今年は新型コロナウイルスを理由に会議の開催が見送られると思われていましたが、これが開かれたということになれば、習近平が自身の権力基盤にかなりの自信があるということではないかと、産経新聞は報じています。

その一方で、香港では国家安全維持法の施行を強行し、西側諸国の反発も承知の上で、周庭氏らを逮捕しました。

その狙いは、台湾への脅しの意味があると思いますが、単なる脅しのみならず、いよいよ習近平は台湾統一へと乗り出そうとしているのだと思われます。香港の民主活動を抑え込めば、次は台湾です。2019年の香港デモの際、台湾では「今日の香港は明日の台湾だ」という言葉がさかんに言われました。

そして、その香港ではついに香港人の自治権も言論の自由も奪われました。そうなれば、次は台湾ということになるのは自明のことです。

李登輝元総統が逝去されたとき、中国国務院台湾事務弁公室の朱鳳蓮報道官は、「『台湾独立』は破滅への道だ。国家統一、民族復興という歴史の大勢はいかなる人物も勢力も阻めない!」とする短い談話を出し、台湾を牽制しました。

「台湾独立、破滅への道」 中国政府

これまで中国側は台湾に、「一国二制度」を受け入れるように求めてきました。しかし、香港がこのような状況になった以上、中国が「一国二制度」を守るはずがありません。

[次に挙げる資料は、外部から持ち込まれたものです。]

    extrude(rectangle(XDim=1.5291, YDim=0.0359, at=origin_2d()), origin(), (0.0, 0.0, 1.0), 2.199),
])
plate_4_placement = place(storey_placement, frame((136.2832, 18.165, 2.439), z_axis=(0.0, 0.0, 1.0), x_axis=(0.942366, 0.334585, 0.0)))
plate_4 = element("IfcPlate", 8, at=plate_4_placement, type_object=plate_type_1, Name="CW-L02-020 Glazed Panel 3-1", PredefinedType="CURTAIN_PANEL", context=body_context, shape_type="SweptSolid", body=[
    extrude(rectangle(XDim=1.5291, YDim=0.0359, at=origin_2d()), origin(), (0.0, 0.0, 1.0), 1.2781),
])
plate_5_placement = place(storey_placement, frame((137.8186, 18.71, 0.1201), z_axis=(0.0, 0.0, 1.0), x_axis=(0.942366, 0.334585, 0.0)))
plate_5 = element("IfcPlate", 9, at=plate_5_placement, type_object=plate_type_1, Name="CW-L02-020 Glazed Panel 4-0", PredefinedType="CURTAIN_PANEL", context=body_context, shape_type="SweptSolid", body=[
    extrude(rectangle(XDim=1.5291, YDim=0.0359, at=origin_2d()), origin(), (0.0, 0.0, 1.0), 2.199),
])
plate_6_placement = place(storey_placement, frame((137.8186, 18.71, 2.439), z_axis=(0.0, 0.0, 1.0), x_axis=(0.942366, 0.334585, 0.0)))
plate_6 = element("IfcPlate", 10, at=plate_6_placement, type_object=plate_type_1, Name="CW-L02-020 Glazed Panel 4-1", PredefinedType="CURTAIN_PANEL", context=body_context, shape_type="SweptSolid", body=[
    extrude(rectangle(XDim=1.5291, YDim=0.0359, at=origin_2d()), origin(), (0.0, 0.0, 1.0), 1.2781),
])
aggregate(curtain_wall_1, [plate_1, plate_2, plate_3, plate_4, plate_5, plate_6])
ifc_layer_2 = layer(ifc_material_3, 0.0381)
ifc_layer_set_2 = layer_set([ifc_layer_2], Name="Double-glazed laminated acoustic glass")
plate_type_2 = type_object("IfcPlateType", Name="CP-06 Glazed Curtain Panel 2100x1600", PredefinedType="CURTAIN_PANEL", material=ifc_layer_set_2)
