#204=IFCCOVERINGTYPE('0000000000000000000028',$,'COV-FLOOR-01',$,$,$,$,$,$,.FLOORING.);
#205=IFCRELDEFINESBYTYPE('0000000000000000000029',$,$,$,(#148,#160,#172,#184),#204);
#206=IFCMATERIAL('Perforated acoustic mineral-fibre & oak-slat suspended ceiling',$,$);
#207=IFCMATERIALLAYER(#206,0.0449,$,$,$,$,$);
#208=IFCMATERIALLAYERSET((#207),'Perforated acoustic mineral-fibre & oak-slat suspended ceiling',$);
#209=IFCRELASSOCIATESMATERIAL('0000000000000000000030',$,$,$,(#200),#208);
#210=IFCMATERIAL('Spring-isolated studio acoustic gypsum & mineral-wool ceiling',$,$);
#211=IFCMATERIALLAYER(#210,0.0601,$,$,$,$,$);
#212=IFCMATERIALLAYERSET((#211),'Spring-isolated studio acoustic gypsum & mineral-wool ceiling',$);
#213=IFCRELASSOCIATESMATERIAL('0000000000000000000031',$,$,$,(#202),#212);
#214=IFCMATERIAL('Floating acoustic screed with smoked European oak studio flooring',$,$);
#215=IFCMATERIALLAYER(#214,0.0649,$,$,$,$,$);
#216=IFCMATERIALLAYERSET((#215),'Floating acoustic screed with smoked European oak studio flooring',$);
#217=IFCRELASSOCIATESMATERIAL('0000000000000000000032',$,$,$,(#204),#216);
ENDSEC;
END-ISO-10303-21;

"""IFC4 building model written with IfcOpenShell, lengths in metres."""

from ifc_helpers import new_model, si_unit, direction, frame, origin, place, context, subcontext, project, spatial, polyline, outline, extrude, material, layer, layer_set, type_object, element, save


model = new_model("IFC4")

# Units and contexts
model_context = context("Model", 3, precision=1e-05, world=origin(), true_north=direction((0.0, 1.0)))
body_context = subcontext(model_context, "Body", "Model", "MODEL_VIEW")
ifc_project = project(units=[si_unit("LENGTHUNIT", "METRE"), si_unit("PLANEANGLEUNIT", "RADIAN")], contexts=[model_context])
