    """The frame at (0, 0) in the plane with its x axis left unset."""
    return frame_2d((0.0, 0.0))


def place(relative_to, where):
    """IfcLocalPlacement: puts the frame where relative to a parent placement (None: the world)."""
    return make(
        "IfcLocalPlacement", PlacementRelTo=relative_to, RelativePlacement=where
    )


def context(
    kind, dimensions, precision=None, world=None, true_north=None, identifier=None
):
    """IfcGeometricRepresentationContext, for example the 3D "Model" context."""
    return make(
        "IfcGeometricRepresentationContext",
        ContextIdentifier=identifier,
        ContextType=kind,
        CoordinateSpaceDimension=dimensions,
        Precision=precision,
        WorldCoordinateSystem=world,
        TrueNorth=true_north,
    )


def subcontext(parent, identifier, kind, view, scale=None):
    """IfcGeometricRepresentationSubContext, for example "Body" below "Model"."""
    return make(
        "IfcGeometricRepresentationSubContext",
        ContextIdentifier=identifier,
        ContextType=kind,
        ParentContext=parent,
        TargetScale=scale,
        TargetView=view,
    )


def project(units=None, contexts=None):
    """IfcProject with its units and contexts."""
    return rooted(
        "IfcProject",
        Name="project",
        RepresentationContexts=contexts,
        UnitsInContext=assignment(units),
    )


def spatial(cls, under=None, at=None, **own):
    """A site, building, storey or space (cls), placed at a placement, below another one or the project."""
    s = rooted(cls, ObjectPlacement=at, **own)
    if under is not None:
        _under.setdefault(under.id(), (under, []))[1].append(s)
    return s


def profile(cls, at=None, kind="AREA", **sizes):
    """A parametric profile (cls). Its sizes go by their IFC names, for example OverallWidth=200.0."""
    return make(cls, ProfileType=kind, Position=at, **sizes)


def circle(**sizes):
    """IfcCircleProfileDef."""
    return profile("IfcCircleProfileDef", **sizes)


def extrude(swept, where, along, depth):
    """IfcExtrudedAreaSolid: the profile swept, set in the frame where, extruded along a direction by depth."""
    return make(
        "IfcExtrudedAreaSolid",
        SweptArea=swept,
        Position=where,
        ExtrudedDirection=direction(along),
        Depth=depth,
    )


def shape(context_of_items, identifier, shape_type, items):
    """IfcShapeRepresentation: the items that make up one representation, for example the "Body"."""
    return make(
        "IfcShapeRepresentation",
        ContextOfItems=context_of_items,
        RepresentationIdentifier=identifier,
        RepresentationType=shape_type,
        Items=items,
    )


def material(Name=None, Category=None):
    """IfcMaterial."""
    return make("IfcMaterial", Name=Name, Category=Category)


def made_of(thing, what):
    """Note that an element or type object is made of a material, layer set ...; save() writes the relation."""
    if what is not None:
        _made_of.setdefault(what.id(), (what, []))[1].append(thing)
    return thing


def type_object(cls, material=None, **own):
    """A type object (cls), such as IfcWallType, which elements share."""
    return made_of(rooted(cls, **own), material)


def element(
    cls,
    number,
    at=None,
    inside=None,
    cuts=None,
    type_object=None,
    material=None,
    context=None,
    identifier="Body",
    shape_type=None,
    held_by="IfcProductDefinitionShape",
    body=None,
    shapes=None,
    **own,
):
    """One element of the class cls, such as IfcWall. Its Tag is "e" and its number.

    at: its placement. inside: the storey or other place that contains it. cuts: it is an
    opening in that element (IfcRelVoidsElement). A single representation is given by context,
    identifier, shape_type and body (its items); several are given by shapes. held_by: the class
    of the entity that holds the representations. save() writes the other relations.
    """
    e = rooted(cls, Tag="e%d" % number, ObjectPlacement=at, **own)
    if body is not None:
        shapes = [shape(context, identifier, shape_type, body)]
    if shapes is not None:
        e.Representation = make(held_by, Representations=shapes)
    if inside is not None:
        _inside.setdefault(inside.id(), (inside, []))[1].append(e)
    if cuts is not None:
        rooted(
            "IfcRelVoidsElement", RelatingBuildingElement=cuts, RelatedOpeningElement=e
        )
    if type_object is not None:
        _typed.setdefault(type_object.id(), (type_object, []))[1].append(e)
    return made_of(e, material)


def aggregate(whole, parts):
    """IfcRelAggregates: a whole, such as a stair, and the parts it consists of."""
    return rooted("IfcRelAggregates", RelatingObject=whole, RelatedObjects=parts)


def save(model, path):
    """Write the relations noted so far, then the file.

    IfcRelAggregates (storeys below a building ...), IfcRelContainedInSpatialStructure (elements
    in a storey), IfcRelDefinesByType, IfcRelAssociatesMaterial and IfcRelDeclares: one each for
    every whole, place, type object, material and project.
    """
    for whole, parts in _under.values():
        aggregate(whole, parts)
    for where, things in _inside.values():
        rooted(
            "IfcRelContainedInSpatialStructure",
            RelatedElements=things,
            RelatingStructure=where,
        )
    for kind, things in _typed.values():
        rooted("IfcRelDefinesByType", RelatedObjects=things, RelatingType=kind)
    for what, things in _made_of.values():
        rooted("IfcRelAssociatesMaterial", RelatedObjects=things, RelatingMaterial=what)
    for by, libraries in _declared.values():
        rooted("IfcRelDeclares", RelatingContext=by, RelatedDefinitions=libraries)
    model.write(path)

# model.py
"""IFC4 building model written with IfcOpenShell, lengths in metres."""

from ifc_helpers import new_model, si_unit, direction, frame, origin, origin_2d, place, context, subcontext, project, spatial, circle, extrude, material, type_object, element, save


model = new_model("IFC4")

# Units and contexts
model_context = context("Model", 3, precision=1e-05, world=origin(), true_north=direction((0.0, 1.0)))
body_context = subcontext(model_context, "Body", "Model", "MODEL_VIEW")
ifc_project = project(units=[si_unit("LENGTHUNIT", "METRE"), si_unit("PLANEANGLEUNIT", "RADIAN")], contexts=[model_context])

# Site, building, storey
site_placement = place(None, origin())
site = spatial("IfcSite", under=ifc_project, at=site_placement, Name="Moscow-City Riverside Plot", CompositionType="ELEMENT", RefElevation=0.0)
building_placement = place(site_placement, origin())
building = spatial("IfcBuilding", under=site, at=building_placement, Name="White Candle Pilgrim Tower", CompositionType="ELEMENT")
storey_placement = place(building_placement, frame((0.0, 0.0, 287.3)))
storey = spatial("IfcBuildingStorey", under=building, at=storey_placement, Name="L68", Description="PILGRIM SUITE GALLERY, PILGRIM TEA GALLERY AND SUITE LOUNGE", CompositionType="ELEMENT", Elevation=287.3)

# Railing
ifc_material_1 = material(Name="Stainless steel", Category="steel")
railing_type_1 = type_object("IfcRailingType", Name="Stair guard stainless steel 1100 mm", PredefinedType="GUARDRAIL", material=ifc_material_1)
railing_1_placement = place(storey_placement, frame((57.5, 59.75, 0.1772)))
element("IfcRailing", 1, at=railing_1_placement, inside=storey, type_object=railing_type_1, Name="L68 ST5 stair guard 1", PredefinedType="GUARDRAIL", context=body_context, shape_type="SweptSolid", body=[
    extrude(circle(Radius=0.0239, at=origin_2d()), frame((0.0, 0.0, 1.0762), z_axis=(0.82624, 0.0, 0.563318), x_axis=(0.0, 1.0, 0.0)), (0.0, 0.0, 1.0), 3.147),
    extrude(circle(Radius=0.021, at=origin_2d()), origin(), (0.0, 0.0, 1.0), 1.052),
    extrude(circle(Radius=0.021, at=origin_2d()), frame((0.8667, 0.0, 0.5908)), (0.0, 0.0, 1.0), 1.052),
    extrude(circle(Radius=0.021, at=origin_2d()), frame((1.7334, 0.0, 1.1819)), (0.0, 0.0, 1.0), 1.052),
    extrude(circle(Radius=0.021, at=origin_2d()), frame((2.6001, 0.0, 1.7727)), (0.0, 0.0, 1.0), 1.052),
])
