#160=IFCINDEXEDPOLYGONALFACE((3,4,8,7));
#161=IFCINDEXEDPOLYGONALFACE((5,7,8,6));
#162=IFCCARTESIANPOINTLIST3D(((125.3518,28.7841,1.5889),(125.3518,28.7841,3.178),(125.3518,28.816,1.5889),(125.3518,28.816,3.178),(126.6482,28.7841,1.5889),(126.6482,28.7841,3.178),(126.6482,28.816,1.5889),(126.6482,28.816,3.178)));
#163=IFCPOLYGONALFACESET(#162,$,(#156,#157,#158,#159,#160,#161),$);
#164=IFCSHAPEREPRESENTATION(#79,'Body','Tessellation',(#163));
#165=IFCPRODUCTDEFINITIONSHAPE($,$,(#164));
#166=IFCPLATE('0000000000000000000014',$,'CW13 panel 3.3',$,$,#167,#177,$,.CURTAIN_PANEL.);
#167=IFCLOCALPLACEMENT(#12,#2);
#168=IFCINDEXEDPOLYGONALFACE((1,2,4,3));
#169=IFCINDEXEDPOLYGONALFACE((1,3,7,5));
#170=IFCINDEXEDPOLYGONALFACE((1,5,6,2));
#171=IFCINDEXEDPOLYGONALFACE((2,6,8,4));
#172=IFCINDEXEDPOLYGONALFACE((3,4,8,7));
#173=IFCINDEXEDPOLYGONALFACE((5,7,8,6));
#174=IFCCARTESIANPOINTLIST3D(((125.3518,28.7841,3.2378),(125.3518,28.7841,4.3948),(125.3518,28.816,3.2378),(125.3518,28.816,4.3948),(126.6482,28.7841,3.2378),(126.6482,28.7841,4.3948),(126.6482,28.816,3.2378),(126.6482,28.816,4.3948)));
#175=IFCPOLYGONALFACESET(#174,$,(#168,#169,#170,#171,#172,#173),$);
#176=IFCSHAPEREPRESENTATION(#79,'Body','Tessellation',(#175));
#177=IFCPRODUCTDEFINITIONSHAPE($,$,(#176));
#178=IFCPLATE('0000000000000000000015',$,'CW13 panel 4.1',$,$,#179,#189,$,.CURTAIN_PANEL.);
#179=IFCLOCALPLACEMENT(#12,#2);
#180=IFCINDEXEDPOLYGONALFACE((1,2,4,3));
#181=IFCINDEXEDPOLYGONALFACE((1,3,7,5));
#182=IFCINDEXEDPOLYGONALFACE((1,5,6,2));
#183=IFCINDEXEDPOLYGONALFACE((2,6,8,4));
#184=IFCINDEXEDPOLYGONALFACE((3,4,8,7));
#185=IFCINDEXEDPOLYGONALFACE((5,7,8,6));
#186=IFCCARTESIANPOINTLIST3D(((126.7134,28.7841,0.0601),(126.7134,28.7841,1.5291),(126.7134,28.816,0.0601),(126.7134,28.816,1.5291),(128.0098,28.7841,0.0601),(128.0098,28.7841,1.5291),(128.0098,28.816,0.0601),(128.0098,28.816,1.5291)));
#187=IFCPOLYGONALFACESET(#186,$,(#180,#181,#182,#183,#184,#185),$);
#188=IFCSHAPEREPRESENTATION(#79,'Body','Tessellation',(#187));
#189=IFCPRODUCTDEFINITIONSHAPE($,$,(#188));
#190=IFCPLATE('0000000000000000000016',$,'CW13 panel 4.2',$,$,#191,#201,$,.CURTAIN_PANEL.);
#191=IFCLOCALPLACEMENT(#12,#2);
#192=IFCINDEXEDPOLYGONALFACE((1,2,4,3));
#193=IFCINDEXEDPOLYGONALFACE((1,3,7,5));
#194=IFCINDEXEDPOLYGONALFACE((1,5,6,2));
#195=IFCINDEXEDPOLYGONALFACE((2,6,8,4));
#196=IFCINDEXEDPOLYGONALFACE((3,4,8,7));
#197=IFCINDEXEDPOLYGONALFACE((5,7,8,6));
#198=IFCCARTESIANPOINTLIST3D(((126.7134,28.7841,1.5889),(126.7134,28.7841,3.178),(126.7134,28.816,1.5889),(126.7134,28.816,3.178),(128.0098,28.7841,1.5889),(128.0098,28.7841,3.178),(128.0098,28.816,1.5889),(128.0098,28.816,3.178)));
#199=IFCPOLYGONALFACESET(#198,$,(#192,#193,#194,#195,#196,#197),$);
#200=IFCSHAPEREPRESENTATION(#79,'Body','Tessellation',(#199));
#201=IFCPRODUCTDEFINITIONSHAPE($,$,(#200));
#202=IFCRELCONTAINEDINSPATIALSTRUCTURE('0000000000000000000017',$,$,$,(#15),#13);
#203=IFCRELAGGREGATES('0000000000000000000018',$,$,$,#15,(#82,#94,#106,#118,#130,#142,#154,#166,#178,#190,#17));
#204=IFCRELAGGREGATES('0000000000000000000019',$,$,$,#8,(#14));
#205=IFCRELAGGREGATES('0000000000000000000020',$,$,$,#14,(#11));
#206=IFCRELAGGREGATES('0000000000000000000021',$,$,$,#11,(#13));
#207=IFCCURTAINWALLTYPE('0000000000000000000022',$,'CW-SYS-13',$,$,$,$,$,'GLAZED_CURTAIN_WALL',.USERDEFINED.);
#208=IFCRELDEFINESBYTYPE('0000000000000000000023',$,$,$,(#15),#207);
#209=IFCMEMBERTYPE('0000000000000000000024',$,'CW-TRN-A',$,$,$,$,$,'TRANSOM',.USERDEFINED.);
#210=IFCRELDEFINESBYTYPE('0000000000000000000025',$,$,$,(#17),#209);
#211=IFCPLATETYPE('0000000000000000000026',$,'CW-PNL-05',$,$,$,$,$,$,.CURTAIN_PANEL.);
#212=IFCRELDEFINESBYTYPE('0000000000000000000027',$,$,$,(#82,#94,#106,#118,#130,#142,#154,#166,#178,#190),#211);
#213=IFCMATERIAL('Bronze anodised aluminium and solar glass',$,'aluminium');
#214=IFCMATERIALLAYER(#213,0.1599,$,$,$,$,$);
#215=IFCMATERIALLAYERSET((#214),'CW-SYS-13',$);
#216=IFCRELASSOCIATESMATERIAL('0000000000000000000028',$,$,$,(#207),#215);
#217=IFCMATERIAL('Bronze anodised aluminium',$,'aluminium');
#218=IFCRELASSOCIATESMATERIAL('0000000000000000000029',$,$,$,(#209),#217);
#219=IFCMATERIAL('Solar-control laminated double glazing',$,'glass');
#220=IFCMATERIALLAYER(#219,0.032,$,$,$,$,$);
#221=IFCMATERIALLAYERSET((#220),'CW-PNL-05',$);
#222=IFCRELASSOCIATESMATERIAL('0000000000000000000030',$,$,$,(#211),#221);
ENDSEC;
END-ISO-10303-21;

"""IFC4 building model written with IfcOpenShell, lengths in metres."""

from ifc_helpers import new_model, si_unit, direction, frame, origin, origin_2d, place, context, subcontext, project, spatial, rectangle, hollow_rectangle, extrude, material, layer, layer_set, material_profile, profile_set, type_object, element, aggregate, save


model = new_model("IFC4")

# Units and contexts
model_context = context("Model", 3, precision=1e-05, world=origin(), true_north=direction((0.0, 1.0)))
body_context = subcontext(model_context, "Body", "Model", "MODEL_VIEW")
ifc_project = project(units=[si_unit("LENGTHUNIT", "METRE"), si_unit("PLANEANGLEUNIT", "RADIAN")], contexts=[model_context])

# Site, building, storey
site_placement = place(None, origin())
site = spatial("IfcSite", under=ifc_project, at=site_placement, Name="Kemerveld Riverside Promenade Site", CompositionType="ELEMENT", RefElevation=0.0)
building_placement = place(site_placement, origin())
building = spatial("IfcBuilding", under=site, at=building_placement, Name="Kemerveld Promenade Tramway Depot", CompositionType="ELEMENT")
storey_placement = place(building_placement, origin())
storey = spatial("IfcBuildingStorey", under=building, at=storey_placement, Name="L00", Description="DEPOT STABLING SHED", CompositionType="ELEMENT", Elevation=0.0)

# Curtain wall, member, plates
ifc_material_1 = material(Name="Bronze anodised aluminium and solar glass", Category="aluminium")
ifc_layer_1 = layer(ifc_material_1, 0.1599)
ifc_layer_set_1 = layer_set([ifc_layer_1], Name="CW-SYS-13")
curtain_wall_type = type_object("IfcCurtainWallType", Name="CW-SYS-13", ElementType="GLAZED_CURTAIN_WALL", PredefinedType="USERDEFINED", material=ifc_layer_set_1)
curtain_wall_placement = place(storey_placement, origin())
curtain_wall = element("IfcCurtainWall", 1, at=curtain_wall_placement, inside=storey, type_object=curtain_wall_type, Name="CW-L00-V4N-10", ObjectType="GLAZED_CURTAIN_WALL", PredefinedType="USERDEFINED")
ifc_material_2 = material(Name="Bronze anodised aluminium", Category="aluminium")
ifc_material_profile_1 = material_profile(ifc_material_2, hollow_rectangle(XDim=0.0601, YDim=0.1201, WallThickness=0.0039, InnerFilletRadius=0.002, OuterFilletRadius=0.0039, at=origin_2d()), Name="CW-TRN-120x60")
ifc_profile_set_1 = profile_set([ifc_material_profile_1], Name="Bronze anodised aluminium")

5月末に行われた中国の全国人民代表大会(全人代)での李克強首相の政府活動報告では、昨年までの「平和統一」を目指すという表現から、「平和」が抜けて、「統一」を目指すという表現になりました。そしてこのときの全人代で、香港への国家安全維持法制定を決定したのです。

中国、台湾統一へ強硬化 対話呼び掛けに反応せず

これまで、本メルマガで述べてきたように、習近平にはこれまで大した成果がありません。むしろ、米中対立を激化させ、台湾では独立派の蔡英文政権が2期目を迎え、武漢で新型コロナウイルスを発生させるなど、中国にとってマイナス面ばかりです。

その一方で習近平は、国家主席の任期を撤廃し、自らの名前を冠した思想を中国共産党の規約に盛り込むなど、自らに権力を集中させ、さらにはその力をいつまでも保ち続けようとしています。

しかし、建国の父である毛沢東、急速な経済発展を実現させたトウ小平の改革開放政策に比べて、習近平は何の功績もありません。